Snowball Earth! There is very little ice near our equator at present. This wasn’t the case 700 ma. Our planet was being repeatedly covered in ice, the glaciations coming and going over a period of about 55 million years. It seems that the eruption of a supervolcano brought vast volumes of basalt to the surface that quickly weathered under tropical rains, sucking huge amounts of CO2 out of the atmosphere. There might have been a biological trigger as well. Single celled zooplankton may have evolved that excreted fecal pellets, thus removing carbon from the system.
Eventually CO2 seeping out of undersea volcanoes began to warm things and the glaciation was over almost as quicly as it began.
The third great discovery of the last decade has been the accurate tracking of the origins and movements of different terranes. We will have a look at Scotland and England’s journeys.
600 mya – the start of life as we know it – multi-celled animals. The earliest evidence for this was provided by fossil poo on the Isle of Islay.
During the final stages of the Caledonian orogeny, the erosion of the high mountains led to the deposition of the Old Red Sandstone in the Midland Valley.
420mya Scotland and northern Ireland finally dock with England and southern Ireland. The last remnants of the Iapetus Ocean disappear.

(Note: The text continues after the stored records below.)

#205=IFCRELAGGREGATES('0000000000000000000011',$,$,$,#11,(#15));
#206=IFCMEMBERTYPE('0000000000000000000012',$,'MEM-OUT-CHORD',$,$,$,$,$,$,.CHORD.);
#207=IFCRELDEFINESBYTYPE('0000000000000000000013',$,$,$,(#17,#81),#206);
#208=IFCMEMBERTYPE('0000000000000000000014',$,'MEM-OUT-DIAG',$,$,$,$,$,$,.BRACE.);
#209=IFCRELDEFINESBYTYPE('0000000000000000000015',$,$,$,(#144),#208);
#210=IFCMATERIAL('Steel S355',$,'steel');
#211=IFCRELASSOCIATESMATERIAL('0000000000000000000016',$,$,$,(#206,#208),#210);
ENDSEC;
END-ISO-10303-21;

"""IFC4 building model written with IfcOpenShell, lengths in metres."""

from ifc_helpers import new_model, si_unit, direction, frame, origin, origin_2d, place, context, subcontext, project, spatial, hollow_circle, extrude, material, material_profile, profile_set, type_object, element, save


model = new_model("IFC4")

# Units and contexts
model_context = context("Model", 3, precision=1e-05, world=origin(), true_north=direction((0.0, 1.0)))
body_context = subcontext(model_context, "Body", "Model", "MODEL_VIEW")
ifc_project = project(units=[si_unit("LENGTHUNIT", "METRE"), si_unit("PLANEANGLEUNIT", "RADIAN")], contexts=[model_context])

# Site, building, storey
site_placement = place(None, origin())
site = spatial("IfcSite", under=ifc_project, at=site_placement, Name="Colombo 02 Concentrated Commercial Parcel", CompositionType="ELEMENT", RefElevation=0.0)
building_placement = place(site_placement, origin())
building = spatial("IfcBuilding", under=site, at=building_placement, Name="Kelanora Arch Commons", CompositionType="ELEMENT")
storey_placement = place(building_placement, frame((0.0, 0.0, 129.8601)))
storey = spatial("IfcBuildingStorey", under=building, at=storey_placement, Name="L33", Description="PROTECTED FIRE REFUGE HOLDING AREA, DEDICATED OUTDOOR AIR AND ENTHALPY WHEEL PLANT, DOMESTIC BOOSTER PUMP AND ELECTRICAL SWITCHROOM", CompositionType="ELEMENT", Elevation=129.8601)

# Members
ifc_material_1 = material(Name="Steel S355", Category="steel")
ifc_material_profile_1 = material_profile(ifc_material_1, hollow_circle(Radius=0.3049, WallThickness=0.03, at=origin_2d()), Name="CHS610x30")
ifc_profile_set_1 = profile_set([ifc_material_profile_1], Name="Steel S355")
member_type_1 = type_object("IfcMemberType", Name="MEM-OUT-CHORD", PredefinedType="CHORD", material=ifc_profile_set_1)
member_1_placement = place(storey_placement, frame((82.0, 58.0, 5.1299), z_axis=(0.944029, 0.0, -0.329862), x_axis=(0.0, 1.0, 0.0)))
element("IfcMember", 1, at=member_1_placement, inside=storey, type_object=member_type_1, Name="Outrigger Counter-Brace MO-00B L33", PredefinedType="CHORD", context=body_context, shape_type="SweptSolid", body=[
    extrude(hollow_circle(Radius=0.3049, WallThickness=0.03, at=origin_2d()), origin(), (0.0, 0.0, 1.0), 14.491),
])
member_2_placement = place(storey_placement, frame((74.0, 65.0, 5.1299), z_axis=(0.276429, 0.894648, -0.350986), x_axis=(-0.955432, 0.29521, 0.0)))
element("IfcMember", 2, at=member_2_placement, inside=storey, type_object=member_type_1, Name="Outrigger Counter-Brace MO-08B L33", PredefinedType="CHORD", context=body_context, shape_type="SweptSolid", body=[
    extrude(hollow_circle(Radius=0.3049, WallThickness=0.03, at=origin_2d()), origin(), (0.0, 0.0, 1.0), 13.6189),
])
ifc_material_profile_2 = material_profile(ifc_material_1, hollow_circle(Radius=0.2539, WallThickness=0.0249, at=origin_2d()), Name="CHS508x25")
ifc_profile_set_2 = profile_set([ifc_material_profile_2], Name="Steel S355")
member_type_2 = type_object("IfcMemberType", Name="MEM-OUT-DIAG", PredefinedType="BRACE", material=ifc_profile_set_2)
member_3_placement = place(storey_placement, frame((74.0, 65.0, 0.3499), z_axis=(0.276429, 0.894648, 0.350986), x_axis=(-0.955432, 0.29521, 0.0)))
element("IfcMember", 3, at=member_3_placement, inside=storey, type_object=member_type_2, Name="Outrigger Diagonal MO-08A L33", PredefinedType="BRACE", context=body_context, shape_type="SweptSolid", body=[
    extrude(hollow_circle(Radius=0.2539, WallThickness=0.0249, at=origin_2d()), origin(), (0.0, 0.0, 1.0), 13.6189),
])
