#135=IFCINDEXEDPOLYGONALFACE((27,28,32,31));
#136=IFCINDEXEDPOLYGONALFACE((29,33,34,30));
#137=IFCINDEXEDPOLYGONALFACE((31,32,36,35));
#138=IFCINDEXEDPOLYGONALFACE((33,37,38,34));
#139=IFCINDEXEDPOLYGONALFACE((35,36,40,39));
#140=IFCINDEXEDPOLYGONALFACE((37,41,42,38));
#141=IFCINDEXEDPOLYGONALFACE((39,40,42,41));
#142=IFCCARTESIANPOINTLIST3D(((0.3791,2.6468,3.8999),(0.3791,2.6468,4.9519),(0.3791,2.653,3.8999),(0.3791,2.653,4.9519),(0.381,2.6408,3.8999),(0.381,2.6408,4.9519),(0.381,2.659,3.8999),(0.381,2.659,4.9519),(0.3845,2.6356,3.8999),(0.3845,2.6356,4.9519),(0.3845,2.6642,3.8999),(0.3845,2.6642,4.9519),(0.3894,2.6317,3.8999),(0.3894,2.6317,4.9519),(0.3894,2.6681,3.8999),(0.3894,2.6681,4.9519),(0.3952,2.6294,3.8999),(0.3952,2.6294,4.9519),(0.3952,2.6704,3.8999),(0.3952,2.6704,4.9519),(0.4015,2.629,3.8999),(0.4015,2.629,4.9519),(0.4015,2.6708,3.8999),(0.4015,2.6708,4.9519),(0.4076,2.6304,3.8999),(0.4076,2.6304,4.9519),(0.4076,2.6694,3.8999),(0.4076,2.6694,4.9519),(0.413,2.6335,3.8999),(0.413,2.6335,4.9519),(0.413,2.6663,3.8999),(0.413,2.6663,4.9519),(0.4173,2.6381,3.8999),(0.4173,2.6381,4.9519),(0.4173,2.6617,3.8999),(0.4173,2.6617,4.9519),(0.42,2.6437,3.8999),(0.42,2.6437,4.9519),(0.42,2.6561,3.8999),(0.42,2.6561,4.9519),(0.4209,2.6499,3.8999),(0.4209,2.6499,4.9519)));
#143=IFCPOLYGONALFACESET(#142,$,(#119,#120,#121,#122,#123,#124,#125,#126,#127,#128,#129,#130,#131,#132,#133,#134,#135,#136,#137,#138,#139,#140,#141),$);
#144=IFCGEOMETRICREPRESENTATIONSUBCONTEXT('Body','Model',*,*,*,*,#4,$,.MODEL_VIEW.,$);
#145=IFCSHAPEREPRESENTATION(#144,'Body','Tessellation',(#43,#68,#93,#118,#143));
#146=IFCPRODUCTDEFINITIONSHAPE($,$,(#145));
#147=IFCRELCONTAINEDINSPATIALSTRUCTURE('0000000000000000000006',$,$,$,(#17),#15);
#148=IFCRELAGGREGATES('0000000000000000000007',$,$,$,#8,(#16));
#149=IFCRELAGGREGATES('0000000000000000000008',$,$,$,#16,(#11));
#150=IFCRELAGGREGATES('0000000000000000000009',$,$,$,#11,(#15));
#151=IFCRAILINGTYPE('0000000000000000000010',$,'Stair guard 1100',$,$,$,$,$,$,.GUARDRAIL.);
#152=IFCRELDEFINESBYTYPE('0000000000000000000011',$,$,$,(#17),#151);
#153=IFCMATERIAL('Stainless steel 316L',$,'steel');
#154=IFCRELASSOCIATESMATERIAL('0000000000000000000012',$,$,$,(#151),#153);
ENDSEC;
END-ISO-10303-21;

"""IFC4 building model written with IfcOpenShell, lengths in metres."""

348 mya Britain was on the equator and the great Carboniferous limestone was being laid down in a sea which covered most of England and Wales. In Scotland an enigmatic island arc puntuated the landscape with volcanoes.
Pangaea was C shaped, wrapped around the Tethys Sea. Biggest desert ever? Most geologists think that the continents repeatedly coalesce and split apart in a 500 million year cycle.

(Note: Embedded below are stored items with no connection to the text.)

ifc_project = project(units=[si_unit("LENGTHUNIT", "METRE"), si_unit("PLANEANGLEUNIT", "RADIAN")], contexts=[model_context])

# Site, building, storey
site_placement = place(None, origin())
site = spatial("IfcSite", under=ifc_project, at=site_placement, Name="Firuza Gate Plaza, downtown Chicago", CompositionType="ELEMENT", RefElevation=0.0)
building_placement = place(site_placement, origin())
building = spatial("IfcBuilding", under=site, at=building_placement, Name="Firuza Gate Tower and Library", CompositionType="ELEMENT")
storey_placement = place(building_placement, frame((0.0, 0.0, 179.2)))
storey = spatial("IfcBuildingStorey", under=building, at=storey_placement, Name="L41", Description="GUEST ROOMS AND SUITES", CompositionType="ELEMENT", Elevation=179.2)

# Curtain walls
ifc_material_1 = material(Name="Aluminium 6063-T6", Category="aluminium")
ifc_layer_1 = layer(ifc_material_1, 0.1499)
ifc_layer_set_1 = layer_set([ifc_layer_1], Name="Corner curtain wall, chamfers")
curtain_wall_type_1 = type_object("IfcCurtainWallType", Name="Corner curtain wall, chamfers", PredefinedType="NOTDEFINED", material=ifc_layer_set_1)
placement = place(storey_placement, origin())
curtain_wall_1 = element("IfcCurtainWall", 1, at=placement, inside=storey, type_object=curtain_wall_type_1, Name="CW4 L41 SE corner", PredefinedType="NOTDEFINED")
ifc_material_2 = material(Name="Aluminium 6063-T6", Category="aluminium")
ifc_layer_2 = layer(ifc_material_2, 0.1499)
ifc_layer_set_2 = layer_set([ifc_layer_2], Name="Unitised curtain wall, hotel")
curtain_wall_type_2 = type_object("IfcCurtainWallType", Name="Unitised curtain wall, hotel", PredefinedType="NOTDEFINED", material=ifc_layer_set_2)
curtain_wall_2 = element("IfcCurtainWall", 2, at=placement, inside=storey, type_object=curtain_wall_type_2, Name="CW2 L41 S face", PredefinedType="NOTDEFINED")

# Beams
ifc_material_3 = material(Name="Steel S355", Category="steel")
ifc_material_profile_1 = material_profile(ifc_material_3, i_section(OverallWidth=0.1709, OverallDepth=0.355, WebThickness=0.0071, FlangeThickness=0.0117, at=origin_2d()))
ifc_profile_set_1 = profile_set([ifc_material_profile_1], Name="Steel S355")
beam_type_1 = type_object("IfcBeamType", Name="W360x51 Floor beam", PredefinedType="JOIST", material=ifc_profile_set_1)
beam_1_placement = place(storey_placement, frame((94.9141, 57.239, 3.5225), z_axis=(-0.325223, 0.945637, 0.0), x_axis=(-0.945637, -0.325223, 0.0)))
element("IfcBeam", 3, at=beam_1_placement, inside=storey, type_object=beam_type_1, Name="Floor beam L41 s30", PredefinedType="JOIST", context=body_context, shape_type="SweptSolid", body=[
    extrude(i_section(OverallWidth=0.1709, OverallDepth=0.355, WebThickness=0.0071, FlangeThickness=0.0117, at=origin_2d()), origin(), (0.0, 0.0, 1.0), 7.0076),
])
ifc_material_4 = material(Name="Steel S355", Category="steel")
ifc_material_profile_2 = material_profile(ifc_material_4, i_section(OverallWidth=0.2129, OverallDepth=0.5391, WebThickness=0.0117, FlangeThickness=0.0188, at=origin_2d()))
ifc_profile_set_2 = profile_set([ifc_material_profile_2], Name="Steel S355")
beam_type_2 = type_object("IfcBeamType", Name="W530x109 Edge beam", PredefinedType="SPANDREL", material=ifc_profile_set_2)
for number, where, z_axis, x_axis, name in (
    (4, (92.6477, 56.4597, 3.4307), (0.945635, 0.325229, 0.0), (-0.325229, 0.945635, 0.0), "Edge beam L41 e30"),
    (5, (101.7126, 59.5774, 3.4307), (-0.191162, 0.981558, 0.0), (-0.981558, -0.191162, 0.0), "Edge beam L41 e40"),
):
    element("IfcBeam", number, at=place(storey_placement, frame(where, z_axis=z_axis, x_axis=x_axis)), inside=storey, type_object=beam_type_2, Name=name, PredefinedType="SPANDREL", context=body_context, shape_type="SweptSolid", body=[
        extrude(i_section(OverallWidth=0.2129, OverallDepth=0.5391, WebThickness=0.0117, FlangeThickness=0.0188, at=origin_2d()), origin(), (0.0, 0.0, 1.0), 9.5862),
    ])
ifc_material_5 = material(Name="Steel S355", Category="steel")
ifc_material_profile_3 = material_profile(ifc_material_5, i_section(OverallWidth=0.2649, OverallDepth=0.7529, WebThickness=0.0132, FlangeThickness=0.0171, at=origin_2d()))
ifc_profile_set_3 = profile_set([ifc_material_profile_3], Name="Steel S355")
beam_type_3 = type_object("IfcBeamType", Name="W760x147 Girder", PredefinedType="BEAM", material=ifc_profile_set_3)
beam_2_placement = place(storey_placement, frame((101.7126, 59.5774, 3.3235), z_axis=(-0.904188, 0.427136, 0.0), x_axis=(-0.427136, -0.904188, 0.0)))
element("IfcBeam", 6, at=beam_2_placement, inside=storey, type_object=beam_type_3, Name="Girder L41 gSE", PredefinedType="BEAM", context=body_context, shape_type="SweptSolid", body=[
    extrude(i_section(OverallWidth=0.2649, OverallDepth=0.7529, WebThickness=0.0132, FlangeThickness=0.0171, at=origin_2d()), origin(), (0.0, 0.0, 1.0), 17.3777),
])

52-63 mya intense igneous activity formed the British Tertiary Volcanic Province.
Good news Bad news?
We are 9 degrees warmer than we should be for our latitude. Suppose the Gulf Stream switched off?
Winds drive ocean currents in the upper 100 meters of the ocean’s surface. However, ocean currents also flow thousands of meters below the surface. These deep-ocean currents are driven by differences in the water’s density, which is controlled by temperature (thermo) and salinity (haline). This process is known as thermohaline circulation.
An excellent example of the glacial diversion of drainage. The present route of the River Clyde occupies a bedrock gorge which was cut following the infilling of its former course by glacial deposits.
The Falls of Clyde provide a particularly striking example of the effects of glacial disruption of drainage. The original channel of the Clyde was infilled with glacial deposits, forcing the river to adopt a new course. The latter takes the form of a bedrock gorge and is distinguished by the presence of two waterfalls. The site is important in illustrating some of the indirect, but nevertheless significant, effects of glaciation on the landscape.
Carstairs Kames is a classic site, long renowned for its glacial landforms. These comprise a series of esker ridges, kames and kettle holes, one of the best such assemblages in Britain formed by the meltwater (rivers) of the last ice sheet as it decayed approximately 13,000 years ago.
Tinto Hill is important for studies of periglacial processes, illustrating the best example of active stone stripes in Scotland.
Felsite Tinto Hill is composed entirely of felsite, a fine grained but not glassy volcanic rock. It is high in silica or felsic, typically consisting of the minerals quartz, plagioclase feldspar and alkali feldspar. Felsite is usually called the extrusive equivalent of granite. It is very prone to frost shattering and felsite hills often produce active scree slopes.A maritime periglacial climate prevails in Scotland above about 600 metres resulting in sorted patterned ground on loose scree material.
Although active stone stripes are known from a number of mountains in the Highlands and Islands, the examples on Tinto Hill are exceptional for their size, clarity and degree of development. Tinto Hill is also the first locality in Scotland at which such features were described in detail.